En fait Emmanuel Macron qui dit à ses supporters qu’à "partir de ce soir il va prendre tous les risques avec eux" est beaucoup plus malin qu’il n’en a l’air. Il s’inscrit dans une vague populiste non pas "anti" mais "pro". Son discours n’est justement pas dans "le ni-ni". Tout au contraire il se veut au-delà. Rassembleur certes mais en fait totalement dans "l’air du temps" : il propose de ne plus traiter les questions dans le clivage ordinal classique entre la droite et la gauche. Il en appelle à la "sève de la Constitution" (il est amusant de noter que le texte qui sous-titrait le propos d’Emmanuel Macron a écrit : "la fève") pour souligner que la présidentielle sous la Vème République est bien la rencontre entre un homme et le peuple de France. Au risque de surprendre je dirai que Macron était gaullien ce soir. Reste à savoir si ces accents-là ont encore de l’audience dans le pays.

Frédéric Métézeau : Tout d'abord, son positionnement ne me paraît pas ambigu dans la mesure où il a déjà dit clairement qu'il ne se réclamait ni de droite ni de gauche.

 

Ensuite, cette petite musique a effectivement toujours été un petit peu populaire. En son temps, François Bayrou (en 2007 et dans une moindre mesure en 2012) a été porté de façon assez forte par ce positionnement. 18,57% des voix à l'élection présidentielle, ce n'est pas rien. C'est populaire, mais cela ne suffit pas à faire gagner une élection.

Que ce soit dans la tête, dans les gens ou dans les institutions, le clivage gauche-droite est aujourd'hui fortement ancré. Nous avons des institutions qui sont bipolaires. L'élection présidentielle (deux candidats obligatoirement au second tour) et les législatives (scrutin majoritaire à deux tours) favorisent les gros partis. Les législatives permettent dans le cadre d'une triangulaire de s'imposer, mais pas la présidentielle.

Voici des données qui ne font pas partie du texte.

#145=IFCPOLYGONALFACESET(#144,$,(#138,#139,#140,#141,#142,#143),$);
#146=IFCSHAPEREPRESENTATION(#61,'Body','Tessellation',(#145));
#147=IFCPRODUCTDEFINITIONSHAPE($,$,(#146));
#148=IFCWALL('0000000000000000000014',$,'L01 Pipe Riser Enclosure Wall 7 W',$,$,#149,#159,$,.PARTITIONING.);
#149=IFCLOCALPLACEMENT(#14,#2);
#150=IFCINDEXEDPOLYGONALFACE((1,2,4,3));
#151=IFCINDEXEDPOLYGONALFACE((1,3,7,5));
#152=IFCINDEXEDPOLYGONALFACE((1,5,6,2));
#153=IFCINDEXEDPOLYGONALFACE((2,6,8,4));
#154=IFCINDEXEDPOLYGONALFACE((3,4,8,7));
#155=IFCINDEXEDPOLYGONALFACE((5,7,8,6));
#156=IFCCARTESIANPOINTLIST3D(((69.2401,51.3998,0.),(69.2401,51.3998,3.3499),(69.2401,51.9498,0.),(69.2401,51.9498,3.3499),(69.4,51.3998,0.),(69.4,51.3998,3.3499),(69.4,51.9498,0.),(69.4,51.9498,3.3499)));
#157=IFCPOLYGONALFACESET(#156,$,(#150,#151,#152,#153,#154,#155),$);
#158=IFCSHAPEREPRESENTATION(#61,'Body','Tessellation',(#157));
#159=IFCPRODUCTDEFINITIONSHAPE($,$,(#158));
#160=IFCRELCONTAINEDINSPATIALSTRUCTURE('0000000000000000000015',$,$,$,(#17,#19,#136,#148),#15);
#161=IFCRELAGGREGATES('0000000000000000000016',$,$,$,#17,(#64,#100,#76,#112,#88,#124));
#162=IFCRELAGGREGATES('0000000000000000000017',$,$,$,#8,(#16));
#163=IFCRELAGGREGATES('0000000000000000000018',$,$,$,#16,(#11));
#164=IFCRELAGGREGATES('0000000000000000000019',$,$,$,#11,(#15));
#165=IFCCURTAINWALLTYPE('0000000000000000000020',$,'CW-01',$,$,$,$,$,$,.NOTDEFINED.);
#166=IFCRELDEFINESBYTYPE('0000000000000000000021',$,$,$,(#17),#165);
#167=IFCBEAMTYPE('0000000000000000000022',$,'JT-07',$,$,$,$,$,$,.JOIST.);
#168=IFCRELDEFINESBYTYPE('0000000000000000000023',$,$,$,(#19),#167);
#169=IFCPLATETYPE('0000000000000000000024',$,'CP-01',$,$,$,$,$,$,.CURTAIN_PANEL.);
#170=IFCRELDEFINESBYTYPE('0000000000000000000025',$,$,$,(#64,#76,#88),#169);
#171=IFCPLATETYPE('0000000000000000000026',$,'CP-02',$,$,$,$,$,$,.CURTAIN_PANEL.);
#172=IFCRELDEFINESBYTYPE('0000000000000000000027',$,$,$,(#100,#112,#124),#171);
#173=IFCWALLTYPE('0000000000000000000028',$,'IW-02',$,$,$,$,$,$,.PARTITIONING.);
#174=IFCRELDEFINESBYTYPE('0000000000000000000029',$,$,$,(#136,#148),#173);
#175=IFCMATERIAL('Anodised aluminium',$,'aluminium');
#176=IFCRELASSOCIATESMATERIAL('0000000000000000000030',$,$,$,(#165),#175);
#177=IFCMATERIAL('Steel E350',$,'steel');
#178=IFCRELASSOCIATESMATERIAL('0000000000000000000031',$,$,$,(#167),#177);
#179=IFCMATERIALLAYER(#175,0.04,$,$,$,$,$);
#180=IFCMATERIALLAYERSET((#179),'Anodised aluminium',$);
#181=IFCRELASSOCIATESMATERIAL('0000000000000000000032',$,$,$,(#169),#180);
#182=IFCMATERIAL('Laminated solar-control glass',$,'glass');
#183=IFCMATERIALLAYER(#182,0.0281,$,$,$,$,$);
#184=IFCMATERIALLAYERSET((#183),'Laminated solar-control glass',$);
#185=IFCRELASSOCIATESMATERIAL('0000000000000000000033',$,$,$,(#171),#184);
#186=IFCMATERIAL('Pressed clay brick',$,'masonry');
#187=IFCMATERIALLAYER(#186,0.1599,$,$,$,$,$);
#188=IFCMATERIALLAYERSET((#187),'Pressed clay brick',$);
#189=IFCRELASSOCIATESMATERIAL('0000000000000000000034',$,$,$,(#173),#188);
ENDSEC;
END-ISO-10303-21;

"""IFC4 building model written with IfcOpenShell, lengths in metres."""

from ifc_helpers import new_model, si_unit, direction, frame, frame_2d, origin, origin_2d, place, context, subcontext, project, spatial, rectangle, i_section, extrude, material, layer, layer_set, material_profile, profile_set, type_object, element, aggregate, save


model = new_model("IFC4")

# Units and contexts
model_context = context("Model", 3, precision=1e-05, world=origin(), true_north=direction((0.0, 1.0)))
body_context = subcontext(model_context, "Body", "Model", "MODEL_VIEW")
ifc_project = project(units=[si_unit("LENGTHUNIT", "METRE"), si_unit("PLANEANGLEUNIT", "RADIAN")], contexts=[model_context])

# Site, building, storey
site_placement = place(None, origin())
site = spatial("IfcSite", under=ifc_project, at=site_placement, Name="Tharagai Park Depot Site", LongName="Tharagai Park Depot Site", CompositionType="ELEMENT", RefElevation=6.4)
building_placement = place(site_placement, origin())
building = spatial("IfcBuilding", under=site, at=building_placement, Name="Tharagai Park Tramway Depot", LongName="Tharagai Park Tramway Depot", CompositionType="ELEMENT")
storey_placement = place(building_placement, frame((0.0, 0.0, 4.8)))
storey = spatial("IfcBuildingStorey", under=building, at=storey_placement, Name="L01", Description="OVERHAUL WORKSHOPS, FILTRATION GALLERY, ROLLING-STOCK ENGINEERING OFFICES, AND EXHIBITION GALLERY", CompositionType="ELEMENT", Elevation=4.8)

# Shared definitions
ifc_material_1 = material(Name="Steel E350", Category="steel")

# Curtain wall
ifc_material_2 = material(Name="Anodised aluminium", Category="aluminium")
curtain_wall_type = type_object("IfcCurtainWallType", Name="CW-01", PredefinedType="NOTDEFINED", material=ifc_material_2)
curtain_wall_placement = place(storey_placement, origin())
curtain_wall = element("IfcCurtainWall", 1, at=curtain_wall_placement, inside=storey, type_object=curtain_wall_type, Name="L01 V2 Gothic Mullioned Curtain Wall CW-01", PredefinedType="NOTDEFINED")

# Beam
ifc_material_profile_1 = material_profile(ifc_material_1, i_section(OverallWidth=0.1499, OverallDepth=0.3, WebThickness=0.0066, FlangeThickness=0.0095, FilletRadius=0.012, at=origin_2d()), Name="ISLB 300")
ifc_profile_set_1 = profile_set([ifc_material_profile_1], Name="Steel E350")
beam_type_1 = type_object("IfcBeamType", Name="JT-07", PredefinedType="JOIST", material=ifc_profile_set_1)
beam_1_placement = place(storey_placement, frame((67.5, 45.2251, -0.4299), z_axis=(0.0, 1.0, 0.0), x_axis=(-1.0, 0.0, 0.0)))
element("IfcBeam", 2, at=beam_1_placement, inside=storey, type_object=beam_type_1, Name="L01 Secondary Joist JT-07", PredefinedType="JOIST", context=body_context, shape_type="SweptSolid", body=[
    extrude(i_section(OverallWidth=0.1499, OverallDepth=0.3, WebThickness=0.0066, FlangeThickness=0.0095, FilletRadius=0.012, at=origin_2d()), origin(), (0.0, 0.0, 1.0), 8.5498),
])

Il est par ailleurs intéressant de noter que nous avons aujourd'hui une structure bipolaire avec un paysage tripartie (Front nationale - droite républicaine - Parti socialiste et alliés). Au-delà du clivage droite - gauche, il y a donc le clivage droite - gauche – FN, et un autre qui pourrait bien être le plus profond : celui qui se structure autour de l'acceptation ou non de la mondialisation telle qu'elle se fait et d'une certaine forme de construction européenne. Le camp du refus de cette mondialisation regroupe tout aussi bien des gens du Front de Gauche, du Front national, une partie des Verts, du Parti socialiste et de la droite souverainiste, même si tous ces gens ne doivent pas être mis dans le même panier.